Legalisierte Bürgerwehr
Institutionalisiert wurde damit auch die anfängliche Bürgerwehr, eine bunte Truppe, die vorzugsweise ausgediente Uniformen der amerikanischen Armee trägt. Die rund hundert jungen Männer und Frauen sind nun legal als neue Gemeindepolizei anerkannt. Unter der Kontrolle des Sicherheitsrates setzen sie das von den Bürgern gutgeheissene Reglement durch. Wer mit Drogen, Waffen oder auch nur betrunken in der Öffentlichkeit erwischt wird, wandert erst einmal für 24 Stunden in die Zelle. Anschliessend muss gemeinnützige Arbeit geleistet werden. Wer stiehlt, dessen Foto kommt ans schwarze Brett im Gemeindehaus. Anwenden muss die Polizei die Strafen kaum. Denn seit die Bösewichte verschwunden sind, wirkt wieder die soziale Kontrolle. Diese sei wirksamer als jedes Polizeiaufgebot, verrät man im Sicherheitsrat.

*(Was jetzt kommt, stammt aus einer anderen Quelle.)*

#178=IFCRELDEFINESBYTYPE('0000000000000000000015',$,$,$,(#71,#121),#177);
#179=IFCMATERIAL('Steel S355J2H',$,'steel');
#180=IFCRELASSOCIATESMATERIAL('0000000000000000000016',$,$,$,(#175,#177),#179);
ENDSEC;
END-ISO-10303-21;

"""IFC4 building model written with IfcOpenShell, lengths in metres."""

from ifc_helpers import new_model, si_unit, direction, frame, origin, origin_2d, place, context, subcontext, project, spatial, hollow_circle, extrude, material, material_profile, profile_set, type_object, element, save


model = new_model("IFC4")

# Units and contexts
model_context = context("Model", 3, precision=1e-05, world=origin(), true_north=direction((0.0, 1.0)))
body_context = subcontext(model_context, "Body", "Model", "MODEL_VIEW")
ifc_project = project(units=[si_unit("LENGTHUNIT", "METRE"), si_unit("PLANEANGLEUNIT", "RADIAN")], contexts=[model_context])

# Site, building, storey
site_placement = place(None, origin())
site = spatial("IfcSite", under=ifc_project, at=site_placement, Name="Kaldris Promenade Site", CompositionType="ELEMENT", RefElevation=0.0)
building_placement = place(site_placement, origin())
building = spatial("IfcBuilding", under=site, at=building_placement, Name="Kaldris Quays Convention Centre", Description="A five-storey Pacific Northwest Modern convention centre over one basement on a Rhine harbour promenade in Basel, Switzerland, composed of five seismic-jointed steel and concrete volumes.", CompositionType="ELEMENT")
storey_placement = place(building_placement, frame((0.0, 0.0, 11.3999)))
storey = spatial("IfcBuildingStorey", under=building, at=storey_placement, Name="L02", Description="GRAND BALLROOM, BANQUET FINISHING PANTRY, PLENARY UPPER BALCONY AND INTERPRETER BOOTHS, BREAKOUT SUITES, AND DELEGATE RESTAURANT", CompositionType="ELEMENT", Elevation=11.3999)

Noch ist der Ausgang des direktdemokratischen Experiments offen. Unverkennbar hat der Elan seit jenem Tag, als die Transporter brannten, nachgelassen. Die Versammlungen sind nicht mehr so gut besucht wie damals. Die Mahnwachen und Feuerstellen, an denen die Bürger anfangs nächtelang die Zukunft des Städtchens diskutierten, bleiben verwaist. Es gelte, vom Ausnahmezustand zum Normalbetrieb überzugehen, sagt ein Ratsmitglied.
Die Angst herrscht weiter
Über allem schwebt die Angst vor einer Rückkehr der Bösewichte. So sicher das Städtchen ist – weit weg in den letzten Winkeln seines riesigen Waldes sind die illegalen Holzfäller immer noch unterwegs. Schlagartig klar wurde es im April, als zwei Gemeindearbeiter bei der Wiederaufforstung in einem entlegenen Waldstück von Unbekannten erschossen wurden. Versagt hatten dabei offenbar die zum Schutz der Arbeiter abbestellten Gemeindepolizisten. Solche Vorkommnisse gefährden die neue Regierung. Wenn ihr etwas breite Zustimmung und Legitimität verschafft, dann der Frieden. «Natürlich haben wir alle Angst, dass sie zurückkommen», gesteht die Bürgeraktivistin Ruiz. Doch unterkriegen lasse man sich davon nicht mehr, fügt sie bestimmt hinzu: «Der Wille, unseren Kindern ein gesundes Cherán zu hinterlassen, ist grösser als unsere eigene Angst.»
* Die Namen aller interviewten Personen wurden zu deren Schutz geändert.